We endeavor to build communities of care and creative expression at Art Not Shame that work to resist, undo, and speak back to the often invisible, divisive, and shame-based logic of white supremacy. Because white supremacy is foundational to both the system within which we work, and a mindset that has to be continually interrogated, our work in this regard is never done.

For us, this means that we will:

  • Continue to examine ourselves and our organization, and the ways in which we perpetuate anti-Black racism, through ongoing training, listening, (un)learning, and acting; 

  • Continue to offer arts-based anti-oppression experiential learning workshops to our local community of artists and practitioners;

  • Connect with white leaders of arts and mental health organizations, and white artists to engage in and hold ourselves accountable to critical learning together around whiteness and white supremacy;

  • Seek greater representation of Black leadership within our Board, our artist facilitation team, and within our programming; 

  • Simultaneously, address the inherent and implicit barriers we uphold, as an organization that is majority white-led, to greater representation of Black leadership and participation;

  • Continue to question and address the racial bias in our programming and operations: Who are our programs for? Who do they serve? Whose voices and worldviews do they amplify? And whose experiences do they reflect?

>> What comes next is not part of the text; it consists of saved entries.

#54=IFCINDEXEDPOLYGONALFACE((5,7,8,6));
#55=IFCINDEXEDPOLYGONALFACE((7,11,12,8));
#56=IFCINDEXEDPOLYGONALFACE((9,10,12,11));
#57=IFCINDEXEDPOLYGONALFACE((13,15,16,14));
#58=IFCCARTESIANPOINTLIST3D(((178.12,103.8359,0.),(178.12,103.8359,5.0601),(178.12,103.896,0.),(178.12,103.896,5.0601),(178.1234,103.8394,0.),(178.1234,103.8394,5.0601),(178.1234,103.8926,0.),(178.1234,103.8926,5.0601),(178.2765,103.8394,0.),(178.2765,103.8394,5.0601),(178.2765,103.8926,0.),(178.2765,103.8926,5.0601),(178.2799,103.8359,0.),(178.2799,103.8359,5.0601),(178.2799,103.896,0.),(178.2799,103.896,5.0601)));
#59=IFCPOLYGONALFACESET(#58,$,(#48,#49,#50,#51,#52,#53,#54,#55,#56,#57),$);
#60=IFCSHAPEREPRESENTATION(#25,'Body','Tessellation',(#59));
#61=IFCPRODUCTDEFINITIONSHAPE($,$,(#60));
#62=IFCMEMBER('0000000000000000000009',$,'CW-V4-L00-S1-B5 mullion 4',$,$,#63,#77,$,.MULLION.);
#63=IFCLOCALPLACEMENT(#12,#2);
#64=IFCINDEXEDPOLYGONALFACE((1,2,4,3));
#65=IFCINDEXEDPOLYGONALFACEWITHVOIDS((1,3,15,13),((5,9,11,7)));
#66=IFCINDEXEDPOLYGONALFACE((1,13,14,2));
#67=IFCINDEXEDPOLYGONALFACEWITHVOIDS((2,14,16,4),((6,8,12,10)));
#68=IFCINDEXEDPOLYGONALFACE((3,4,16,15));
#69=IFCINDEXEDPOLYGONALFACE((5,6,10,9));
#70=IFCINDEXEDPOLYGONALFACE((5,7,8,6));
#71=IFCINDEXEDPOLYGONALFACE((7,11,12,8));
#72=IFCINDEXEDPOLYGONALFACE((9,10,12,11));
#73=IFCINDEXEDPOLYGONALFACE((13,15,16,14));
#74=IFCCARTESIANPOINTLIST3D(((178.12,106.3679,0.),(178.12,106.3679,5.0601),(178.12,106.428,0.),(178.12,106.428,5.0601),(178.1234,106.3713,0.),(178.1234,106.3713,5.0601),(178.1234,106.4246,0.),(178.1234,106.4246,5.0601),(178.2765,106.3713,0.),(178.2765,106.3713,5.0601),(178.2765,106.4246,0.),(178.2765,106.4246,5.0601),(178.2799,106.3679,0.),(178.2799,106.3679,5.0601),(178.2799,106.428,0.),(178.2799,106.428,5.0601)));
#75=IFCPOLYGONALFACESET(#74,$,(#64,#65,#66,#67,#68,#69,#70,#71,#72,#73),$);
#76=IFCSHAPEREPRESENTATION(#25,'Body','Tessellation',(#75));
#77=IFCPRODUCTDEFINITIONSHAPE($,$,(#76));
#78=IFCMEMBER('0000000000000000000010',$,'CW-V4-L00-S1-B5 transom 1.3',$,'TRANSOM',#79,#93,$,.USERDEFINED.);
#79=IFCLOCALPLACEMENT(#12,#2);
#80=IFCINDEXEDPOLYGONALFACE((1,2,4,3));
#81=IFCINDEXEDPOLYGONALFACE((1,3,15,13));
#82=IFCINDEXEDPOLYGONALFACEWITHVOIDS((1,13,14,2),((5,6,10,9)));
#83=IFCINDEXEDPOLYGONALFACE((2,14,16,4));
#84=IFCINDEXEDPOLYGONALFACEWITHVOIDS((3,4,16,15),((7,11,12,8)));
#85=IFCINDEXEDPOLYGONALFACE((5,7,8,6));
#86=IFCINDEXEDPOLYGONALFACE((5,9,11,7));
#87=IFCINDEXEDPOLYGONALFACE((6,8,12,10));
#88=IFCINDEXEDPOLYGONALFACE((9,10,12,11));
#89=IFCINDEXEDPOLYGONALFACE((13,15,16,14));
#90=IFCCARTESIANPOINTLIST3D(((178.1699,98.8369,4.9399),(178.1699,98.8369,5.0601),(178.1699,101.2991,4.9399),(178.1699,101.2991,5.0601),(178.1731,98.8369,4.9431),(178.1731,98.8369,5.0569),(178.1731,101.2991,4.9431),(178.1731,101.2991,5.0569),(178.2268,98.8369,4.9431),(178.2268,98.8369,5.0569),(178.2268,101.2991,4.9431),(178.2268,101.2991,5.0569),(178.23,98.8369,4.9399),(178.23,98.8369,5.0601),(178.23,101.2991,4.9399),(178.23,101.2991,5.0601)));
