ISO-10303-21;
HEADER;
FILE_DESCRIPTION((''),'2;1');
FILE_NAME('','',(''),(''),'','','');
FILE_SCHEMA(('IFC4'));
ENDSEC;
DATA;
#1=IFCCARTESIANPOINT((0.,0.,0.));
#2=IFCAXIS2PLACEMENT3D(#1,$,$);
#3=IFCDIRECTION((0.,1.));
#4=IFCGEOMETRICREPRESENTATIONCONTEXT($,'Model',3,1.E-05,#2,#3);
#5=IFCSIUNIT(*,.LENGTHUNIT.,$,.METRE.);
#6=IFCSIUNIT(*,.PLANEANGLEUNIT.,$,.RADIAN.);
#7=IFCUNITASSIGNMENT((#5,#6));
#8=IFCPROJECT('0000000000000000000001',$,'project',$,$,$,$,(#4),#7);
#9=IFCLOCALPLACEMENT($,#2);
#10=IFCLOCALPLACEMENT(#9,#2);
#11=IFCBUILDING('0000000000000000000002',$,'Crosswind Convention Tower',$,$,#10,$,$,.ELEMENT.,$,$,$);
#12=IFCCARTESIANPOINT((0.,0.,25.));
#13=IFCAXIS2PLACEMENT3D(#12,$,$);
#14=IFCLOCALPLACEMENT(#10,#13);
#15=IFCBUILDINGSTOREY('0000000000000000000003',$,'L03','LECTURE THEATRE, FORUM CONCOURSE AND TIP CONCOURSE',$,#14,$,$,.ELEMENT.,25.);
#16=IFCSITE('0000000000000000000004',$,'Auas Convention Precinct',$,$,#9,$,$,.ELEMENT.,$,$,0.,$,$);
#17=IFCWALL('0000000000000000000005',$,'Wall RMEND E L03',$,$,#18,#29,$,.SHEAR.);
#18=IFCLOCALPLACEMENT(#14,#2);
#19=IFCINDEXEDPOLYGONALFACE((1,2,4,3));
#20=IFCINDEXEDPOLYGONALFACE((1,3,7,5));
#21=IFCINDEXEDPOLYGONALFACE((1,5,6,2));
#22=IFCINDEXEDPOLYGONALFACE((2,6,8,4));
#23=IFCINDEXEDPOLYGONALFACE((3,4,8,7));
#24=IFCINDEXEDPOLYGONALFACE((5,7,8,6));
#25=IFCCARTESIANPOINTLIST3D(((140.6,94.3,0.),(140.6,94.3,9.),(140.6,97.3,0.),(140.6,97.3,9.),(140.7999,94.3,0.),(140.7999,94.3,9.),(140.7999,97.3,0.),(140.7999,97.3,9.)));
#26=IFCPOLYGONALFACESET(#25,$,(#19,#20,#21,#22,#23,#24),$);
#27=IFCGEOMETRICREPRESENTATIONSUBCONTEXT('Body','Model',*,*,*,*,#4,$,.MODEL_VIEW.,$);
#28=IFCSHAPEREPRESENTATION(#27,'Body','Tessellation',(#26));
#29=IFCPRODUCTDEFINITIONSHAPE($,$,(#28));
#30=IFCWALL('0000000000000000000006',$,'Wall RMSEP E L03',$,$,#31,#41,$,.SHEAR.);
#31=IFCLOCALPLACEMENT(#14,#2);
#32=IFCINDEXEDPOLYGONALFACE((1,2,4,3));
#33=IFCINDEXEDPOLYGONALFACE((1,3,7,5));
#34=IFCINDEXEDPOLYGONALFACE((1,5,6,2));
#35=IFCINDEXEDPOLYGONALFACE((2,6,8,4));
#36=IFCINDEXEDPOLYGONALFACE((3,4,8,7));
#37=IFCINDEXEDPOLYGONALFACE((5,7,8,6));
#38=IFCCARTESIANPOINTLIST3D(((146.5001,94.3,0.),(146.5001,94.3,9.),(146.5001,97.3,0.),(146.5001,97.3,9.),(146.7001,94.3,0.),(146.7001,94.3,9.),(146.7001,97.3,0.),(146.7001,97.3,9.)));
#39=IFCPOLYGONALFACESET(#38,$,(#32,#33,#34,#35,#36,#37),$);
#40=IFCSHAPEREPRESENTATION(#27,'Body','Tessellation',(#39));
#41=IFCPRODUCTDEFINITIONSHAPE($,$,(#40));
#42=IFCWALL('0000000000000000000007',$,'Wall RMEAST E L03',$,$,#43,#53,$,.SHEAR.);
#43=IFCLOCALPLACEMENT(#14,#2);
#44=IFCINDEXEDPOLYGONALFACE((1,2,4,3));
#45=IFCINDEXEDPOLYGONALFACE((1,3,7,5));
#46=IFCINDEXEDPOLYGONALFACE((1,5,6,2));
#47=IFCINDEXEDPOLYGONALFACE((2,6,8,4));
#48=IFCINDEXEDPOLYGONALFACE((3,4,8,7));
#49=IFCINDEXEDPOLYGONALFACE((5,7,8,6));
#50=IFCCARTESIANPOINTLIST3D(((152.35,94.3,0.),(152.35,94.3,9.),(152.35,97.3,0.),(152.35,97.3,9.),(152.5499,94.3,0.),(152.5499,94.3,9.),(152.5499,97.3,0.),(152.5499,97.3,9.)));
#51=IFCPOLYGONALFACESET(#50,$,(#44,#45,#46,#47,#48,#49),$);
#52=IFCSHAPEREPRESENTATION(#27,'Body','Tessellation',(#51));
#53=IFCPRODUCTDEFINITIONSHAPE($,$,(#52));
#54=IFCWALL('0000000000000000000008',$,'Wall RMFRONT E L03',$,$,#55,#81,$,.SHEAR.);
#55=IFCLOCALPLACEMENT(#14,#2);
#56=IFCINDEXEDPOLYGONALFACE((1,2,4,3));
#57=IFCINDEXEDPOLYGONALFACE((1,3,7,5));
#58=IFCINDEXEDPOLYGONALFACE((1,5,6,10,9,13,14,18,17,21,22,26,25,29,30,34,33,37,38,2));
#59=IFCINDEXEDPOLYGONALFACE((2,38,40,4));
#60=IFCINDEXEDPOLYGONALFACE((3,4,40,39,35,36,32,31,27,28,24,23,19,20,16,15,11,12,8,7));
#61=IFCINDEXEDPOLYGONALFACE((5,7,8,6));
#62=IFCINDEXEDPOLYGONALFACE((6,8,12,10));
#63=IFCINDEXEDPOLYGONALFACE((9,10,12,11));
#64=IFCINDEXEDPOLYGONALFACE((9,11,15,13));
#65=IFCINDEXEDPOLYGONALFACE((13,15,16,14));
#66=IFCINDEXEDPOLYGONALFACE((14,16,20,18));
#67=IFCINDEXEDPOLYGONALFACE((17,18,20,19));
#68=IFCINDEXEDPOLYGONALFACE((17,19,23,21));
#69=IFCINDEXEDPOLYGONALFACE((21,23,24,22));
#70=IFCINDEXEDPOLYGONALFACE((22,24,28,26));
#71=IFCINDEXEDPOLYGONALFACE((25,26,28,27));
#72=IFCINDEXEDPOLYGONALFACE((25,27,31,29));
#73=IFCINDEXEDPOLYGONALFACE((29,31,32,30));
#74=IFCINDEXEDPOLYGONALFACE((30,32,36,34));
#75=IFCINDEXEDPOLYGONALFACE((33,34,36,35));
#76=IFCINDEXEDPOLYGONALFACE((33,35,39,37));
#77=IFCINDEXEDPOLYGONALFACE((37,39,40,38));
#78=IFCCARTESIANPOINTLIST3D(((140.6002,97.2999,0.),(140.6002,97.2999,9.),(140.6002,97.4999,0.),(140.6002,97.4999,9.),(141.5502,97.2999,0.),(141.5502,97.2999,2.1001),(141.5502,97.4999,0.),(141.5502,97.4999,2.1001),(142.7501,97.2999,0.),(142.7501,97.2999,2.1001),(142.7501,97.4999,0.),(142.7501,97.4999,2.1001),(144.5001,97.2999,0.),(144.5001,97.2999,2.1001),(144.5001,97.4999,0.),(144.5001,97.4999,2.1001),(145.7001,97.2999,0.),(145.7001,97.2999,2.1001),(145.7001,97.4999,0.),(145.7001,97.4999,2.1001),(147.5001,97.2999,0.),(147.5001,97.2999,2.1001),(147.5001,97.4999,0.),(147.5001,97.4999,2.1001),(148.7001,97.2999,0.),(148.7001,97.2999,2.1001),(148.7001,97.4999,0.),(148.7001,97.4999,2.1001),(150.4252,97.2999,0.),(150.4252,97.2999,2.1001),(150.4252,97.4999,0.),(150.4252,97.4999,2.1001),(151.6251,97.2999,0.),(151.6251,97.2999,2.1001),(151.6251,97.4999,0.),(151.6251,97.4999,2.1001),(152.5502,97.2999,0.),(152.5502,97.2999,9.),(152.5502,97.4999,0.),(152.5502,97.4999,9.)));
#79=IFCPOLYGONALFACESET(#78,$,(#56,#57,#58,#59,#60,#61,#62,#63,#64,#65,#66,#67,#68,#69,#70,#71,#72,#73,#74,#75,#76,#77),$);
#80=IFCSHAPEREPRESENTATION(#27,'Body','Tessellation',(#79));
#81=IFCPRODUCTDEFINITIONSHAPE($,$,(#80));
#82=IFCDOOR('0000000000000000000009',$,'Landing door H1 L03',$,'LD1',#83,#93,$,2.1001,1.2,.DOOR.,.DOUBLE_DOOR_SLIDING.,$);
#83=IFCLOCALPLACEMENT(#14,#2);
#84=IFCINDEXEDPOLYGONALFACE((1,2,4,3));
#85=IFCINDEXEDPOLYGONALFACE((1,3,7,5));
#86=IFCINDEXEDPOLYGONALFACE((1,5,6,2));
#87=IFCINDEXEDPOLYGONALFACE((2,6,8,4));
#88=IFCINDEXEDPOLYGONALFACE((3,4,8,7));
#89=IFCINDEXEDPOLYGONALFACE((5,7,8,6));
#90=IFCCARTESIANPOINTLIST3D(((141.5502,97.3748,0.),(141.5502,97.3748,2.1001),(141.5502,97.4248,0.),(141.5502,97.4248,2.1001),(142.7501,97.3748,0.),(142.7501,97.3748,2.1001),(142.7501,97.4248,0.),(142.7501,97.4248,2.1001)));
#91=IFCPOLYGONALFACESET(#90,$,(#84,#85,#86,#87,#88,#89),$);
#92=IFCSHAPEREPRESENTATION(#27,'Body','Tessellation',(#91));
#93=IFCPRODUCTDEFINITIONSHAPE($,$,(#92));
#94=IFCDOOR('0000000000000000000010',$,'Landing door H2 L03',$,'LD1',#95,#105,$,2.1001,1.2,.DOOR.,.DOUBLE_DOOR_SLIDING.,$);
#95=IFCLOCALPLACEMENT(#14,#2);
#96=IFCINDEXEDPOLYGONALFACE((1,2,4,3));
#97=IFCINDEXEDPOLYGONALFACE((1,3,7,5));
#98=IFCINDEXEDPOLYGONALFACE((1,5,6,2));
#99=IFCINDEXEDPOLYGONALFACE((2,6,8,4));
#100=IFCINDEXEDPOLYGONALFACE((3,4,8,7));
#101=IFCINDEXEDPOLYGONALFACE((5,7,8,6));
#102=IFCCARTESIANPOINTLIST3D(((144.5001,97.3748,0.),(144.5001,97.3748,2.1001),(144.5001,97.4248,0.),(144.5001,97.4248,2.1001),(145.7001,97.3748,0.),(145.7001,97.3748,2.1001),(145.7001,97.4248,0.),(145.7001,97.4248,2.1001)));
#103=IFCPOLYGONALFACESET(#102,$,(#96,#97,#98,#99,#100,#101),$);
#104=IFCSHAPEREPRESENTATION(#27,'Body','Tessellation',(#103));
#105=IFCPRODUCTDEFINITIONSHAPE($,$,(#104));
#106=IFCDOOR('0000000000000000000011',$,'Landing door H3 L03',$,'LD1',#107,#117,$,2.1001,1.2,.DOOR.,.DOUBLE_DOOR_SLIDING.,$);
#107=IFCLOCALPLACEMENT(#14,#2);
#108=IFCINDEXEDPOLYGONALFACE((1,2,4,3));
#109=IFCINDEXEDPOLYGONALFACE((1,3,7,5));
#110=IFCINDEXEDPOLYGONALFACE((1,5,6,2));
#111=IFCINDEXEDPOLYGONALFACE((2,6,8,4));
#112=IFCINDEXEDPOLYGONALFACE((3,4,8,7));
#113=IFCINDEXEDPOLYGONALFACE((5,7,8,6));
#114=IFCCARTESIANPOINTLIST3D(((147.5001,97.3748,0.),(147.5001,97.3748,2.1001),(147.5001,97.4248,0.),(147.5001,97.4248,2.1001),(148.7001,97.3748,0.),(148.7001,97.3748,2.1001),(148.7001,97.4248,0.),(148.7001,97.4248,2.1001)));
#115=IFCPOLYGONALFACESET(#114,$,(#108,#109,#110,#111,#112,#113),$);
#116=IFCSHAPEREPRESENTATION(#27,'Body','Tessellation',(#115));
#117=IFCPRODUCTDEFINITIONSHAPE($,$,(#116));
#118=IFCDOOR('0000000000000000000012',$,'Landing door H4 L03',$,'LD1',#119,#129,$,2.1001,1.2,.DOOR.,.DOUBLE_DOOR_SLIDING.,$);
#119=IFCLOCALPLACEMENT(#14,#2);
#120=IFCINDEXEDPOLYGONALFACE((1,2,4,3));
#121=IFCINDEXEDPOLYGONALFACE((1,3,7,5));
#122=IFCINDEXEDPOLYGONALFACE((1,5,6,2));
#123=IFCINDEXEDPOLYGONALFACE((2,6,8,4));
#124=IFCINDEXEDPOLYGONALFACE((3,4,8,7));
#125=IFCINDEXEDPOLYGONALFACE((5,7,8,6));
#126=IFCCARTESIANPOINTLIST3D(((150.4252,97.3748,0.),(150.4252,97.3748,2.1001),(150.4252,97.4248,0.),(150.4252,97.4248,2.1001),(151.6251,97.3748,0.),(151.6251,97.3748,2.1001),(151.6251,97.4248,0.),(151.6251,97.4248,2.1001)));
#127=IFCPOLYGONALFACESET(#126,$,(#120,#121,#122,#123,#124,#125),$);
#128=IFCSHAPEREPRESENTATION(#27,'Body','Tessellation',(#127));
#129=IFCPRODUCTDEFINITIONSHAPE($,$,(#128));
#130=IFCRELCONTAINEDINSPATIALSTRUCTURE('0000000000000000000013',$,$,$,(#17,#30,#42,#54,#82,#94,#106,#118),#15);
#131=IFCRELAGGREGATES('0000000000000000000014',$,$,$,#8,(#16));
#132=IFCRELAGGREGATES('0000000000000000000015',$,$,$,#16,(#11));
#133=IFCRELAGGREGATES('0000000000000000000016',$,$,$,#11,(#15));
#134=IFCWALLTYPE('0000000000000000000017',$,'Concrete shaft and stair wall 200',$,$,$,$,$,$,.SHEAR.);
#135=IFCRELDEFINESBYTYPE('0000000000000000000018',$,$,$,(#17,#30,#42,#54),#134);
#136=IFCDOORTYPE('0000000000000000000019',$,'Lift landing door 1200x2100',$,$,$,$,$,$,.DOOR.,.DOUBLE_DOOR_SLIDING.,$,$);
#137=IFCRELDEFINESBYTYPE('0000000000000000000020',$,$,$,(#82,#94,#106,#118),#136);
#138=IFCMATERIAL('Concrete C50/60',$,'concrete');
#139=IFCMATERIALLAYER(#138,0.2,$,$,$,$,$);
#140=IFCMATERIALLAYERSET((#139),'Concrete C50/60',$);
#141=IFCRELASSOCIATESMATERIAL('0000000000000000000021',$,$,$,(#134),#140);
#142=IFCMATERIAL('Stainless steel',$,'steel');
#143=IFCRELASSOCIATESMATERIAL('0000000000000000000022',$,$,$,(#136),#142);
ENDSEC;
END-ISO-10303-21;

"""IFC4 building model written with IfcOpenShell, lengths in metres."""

from ifc_helpers import new_model, si_unit, direction, frame, frame_2d, origin, place, context, subcontext, project, spatial, rectangle, extrude, material, layer, layer_set, type_object, element, fill, save


model = new_model("IFC4")

# Units and contexts
model_context = context("Model", 3, precision=1e-05, world=origin(), true_north=direction((0.0, 1.0)))
body_context = subcontext(model_context, "Body", "Model", "MODEL_VIEW")
ifc_project = project(units=[si_unit("LENGTHUNIT", "METRE"), si_unit("PLANEANGLEUNIT", "RADIAN")], contexts=[model_context])

# Site, building, storey
site_placement = place(None, origin())
site = spatial("IfcSite", under=ifc_project, at=site_placement, Name="Auas Convention Precinct", CompositionType="ELEMENT", RefElevation=0.0)
building_placement = place(site_placement, origin())
building = spatial("IfcBuilding", under=site, at=building_placement, Name="Crosswind Convention Tower", CompositionType="ELEMENT")
storey_placement = place(building_placement, frame((0.0, 0.0, 25.0)))
storey = spatial("IfcBuildingStorey", under=building, at=storey_placement, Name="L03", Description="LECTURE THEATRE, FORUM CONCOURSE AND TIP CONCOURSE", CompositionType="ELEMENT", Elevation=25.0)

# Walls
ifc_material_1 = material(Name="Concrete C50/60", Category="concrete")
ifc_layer_1 = layer(ifc_material_1, 0.2)
ifc_layer_set_1 = layer_set([ifc_layer_1], Name="Concrete C50/60")
wall_type_1 = type_object("IfcWallType", Name="Concrete shaft and stair wall 200", PredefinedType="SHEAR", material=ifc_layer_set_1)
for number, where, z_axis, x_axis, name in (
    (1, (140.7, 94.3, 0.0), (0.0, 0.0, 1.0), (0.0, 1.0, 0.0), "Wall RMEND E L03"),
    (2, (146.6001, 94.3, 0.0), (0.0, 0.0, 1.0), (0.0, 1.0, 0.0), "Wall RMSEP E L03"),
    (3, (152.45, 94.3, 0.0), (0.0, 0.0, 1.0), (0.0, 1.0, 0.0), "Wall RMEAST E L03"),
):
    element("IfcWall", number, at=place(storey_placement, frame(where, z_axis=z_axis, x_axis=x_axis)), inside=storey, type_object=wall_type_1, Name=name, PredefinedType="SHEAR", context=body_context, shape_type="SweptSolid", body=[
        extrude(rectangle(XDim=3.0, YDim=0.2, at=frame_2d((1.5, 0.0))), origin(), (0.0, 0.0, 1.0), 9.0),
    ])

  • Be aware of and name when white safety is being protected at the cost of harm to Black participants and team members in our programming and work environment; 

  • Attempt to repair the harm when we miss the mark; 

  • Promote the work of and learn from Black and Indigenous artists and practitioners who are leading the way and working toward decolonized and anti-oppressive arts and healing spaces;

  • Continue to deconstruct the logic of white supremacy through our programming that creates hierarchies between self and other, self and world, self and nature;

  • Continue to work against toxic individualism and capitalist notions of care, and build caring, intersectional communities that value, learn from, and amplify difference.

We see these commitments as the work of transformative justice and community care; these ideas uproot outdated and exclusionary ways of policing and being together, and signal a (re)turn to a sense of community that is predicated on collective healing, accountability, and repair. 

We write this from a deep belief that liberation and solidarity is an ongoing commitment that happens both in public when being silent is not an option, and in private, in our homes, with our friends, families, and neighbours. This is ongoing work that ought not start, or end, with a statement, but be a lifelong commitment to undoing the violence of white supremacist logic and systems that affords humanity, privilege, and safety to only a select few.